Шовкошитный задумался.
– Вы знаете, – сказал он наконец, – я вспомнил, что тогда обратил внимание на то, что говорила она с небольшой хрипотцой. Но я подумал, что это от болезни.
– Понятно... Значит, после того как Вера заходила к вам в кабинет, в следующий раз вы ее увидели, только когда она пришла увольняться?
Шовкошитный покачал головой:
– Нет. Я ее не видел в тот день.
– Как так? – удивился я.
– Я как раз отъезжал в этот момент. Буквально на час-полтора. За это время она успела уволиться и уйти. Я еще, помню, удивился, что она меня не дождалась. И, главное, потом не позвонила. Исчезла – и все.
– А вы ей тоже не звонили?
– Звонил. Но по телефону ни разу никто не ответил.
Он замолк и вытащил еще одну сигарету.
– Хорошо, но с кем-то она общалась в тот день.
– Ну, конечно. С секретарем нашего отдела кадров. Но она у нас новенькая, пришла сюда уже после ухода Веры.
– А вас не насторожило, что Вера не подходит к телефону?
Он отрицательно покачал головой:
– Она говорила, что собирается ехать на родину, куда-то, кажется, на Северный Кавказ. Поэтому я не придал большого значения тому, что ее нет дома. Скажите, а Вера действительно в тюрьме?

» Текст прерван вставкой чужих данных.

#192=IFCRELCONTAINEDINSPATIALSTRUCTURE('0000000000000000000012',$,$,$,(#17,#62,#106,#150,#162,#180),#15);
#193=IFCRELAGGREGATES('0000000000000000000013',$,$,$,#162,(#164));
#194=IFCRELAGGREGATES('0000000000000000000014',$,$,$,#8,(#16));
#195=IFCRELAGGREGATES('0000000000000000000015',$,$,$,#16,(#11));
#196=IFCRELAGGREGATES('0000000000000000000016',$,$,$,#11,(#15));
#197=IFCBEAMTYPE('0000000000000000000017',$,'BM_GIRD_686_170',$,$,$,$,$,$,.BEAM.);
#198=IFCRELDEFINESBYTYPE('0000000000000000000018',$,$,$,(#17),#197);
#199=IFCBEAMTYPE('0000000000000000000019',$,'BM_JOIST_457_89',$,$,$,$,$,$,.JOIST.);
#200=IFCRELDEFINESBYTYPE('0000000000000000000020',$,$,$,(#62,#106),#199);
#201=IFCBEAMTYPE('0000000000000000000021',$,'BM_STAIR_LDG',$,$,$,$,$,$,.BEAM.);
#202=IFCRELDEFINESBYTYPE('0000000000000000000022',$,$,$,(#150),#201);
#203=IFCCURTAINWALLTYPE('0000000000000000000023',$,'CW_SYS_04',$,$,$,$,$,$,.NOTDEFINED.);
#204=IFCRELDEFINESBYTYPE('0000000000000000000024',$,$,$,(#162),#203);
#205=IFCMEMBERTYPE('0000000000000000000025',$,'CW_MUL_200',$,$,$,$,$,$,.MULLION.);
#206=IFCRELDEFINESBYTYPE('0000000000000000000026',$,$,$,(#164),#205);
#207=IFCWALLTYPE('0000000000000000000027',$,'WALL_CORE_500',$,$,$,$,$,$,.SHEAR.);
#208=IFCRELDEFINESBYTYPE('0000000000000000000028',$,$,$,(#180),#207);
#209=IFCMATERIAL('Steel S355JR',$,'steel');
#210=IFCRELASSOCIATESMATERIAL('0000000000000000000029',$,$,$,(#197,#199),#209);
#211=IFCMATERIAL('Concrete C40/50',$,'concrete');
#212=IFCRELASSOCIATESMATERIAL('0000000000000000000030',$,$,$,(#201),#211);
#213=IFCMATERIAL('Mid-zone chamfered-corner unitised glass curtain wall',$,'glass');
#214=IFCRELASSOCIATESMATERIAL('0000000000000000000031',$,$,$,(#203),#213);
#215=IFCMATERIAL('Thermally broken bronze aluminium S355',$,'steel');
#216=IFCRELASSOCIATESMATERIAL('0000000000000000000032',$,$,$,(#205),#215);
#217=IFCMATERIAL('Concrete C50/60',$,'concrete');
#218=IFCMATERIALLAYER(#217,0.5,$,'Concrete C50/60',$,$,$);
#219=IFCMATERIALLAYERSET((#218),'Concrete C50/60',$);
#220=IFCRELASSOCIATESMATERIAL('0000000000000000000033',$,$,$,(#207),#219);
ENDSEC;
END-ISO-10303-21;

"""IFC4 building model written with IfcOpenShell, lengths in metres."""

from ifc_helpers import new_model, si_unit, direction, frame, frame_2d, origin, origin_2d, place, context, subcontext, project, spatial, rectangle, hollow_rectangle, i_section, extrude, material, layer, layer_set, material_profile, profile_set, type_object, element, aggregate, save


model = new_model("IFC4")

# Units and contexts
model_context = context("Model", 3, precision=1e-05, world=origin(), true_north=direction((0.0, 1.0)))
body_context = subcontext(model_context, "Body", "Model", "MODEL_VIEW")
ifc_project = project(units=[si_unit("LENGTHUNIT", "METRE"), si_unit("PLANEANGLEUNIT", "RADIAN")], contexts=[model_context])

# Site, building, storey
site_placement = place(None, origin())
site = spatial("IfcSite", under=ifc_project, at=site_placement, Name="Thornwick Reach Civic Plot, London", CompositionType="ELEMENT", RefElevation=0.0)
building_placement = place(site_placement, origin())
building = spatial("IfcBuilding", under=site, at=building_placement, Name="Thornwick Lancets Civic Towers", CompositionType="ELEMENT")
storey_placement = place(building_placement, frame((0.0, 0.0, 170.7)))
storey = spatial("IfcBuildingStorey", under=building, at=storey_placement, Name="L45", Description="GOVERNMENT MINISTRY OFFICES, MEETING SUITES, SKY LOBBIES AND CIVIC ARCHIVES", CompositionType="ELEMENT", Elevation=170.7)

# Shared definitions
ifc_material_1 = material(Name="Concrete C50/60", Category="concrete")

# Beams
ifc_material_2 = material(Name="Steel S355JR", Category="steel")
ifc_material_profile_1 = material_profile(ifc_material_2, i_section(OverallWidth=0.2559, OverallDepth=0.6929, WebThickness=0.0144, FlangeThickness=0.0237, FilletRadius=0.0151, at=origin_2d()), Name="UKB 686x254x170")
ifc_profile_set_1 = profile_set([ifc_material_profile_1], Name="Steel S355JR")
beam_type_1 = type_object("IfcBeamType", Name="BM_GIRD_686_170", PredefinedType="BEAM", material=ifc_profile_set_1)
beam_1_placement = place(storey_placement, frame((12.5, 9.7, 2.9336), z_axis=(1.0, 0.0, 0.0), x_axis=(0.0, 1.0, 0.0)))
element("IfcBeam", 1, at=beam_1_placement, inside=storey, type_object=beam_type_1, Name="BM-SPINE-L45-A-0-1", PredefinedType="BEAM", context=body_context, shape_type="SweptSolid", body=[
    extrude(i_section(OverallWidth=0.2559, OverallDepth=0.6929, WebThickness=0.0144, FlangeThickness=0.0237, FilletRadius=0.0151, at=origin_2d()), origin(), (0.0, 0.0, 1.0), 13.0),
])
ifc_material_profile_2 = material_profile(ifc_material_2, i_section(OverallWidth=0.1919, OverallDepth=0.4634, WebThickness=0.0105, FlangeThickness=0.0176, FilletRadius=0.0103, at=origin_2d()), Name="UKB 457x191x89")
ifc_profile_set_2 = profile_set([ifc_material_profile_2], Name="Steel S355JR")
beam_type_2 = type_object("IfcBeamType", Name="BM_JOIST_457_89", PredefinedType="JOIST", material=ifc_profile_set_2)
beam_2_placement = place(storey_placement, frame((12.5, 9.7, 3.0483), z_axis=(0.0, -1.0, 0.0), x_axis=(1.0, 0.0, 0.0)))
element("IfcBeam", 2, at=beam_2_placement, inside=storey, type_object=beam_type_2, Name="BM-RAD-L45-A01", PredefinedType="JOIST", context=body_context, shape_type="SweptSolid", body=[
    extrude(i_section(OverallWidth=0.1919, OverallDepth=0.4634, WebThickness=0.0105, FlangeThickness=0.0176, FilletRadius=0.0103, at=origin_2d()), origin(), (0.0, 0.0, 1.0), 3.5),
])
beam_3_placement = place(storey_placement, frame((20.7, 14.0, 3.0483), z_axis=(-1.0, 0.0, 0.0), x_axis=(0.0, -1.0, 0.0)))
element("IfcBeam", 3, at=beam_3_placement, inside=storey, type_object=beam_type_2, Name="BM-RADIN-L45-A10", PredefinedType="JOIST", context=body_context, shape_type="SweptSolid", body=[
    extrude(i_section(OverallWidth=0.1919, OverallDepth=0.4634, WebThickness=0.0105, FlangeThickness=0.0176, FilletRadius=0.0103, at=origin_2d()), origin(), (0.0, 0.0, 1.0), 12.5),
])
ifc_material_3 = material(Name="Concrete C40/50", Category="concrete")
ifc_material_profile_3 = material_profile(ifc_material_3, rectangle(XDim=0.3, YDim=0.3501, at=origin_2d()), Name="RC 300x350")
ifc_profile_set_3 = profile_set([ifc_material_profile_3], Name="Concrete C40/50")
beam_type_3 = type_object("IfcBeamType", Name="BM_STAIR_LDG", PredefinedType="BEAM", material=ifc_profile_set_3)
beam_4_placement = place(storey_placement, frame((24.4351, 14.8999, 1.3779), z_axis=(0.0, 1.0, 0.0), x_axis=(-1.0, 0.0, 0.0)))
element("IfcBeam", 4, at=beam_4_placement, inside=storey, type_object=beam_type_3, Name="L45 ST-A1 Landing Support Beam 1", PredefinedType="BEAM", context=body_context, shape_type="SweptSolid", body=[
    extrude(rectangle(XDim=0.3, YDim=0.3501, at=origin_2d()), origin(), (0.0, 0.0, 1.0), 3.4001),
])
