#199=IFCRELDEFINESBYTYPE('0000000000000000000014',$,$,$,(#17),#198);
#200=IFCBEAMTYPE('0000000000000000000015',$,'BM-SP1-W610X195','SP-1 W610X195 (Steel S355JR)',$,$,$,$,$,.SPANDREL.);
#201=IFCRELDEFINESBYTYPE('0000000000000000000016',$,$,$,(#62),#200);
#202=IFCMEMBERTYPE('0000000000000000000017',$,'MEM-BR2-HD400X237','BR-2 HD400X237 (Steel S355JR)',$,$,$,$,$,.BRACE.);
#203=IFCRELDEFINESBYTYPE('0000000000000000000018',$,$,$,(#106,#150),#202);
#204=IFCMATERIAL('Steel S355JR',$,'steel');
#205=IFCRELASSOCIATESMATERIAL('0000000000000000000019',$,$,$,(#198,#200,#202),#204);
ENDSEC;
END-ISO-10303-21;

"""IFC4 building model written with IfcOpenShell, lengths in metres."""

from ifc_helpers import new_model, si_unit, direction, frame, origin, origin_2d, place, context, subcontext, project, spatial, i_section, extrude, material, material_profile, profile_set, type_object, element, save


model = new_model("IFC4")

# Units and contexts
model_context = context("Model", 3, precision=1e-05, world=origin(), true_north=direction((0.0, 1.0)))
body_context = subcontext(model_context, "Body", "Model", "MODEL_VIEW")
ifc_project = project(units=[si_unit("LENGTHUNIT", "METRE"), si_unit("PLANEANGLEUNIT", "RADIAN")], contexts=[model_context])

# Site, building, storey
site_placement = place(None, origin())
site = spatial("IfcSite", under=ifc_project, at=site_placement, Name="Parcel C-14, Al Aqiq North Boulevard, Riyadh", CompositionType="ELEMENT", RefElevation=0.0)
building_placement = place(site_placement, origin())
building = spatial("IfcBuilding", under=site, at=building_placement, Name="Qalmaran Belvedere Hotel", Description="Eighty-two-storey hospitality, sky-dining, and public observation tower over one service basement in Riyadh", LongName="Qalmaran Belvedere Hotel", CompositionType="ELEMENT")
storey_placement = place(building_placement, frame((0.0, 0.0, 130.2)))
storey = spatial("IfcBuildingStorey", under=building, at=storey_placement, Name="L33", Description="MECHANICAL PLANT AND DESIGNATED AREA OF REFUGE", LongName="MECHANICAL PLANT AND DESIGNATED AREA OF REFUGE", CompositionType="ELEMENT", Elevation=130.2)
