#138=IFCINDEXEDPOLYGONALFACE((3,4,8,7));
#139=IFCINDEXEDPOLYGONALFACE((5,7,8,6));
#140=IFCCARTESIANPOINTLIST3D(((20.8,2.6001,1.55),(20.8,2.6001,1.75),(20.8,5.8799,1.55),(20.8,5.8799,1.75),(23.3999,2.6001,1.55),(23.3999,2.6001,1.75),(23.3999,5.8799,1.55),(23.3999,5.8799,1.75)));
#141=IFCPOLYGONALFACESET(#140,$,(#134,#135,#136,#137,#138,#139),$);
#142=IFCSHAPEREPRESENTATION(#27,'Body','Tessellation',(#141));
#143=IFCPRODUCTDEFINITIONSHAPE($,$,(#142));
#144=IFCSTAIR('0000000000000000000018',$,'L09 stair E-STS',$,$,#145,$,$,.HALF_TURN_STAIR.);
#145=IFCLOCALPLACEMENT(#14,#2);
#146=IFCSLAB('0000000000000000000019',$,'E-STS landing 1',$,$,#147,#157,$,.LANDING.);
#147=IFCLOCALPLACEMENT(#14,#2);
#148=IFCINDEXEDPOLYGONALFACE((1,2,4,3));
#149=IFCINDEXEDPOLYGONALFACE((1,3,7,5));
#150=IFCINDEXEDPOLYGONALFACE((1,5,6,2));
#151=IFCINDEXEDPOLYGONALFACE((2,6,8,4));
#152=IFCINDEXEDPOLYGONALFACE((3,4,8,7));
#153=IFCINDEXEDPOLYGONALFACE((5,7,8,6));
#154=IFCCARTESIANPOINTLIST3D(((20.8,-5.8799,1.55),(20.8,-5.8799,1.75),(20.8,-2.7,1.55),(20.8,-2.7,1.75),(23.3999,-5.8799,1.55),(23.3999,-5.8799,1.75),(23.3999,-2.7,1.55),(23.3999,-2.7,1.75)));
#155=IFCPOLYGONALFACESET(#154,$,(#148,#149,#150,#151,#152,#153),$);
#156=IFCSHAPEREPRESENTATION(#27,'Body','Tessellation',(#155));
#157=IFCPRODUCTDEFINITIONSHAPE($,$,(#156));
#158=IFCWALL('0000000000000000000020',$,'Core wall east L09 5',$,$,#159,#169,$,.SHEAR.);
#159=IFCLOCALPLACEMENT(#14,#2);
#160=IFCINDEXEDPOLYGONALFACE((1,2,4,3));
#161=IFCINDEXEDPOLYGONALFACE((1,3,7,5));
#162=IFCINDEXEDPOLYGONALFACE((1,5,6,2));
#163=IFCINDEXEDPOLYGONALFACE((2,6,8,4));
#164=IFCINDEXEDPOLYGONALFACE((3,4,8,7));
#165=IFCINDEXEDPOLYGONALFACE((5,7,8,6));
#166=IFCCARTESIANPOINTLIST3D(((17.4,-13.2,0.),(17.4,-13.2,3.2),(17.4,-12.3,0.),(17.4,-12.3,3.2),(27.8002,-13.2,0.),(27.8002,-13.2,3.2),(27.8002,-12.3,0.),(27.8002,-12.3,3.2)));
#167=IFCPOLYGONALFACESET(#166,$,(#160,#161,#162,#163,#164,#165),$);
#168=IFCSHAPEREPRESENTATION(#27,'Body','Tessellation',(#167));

Вместо ответа я вытащил из портфеля фотографию.
– Вы узнаете эту женщину?
Шовкошитный посмотрел на карточку.
– Да, это Вера...
Вдруг он запнулся, будто ему в голову внезапно пришла какая-то мысль:
– Погодите-погодите. Дайте фотографию.
Он покрутил фотографию в руках.
– Это Вера, но.. какая-то не такая, – наконец заключил он.
– Что значит «не такая»? – насторожился я.
– Не могу сказать с полной уверенностью. Что-то в лице изменилось.
– Но вы уверены, что это действительно Вера?
Он кивнул:
– Да. Абсолютно уверен. Видите, вот тут маленькая родинка у подбородка. Это Верина родинка. Ну и взгляд, и вообще. Я ее знаю много лет и уверен, что это она. Но все-таки какая-то не такая. Может, это после болезни?
Я вышел от Шовкошитного уже под вечер. Конечно, пришлось сдержать слово – рассказать ему почти все подробности дела моей подзащитной. Опасаться разглашения тайны следствия или какой-либо другой тайны не приходилось: известно мне было очень мало. Почти ничего.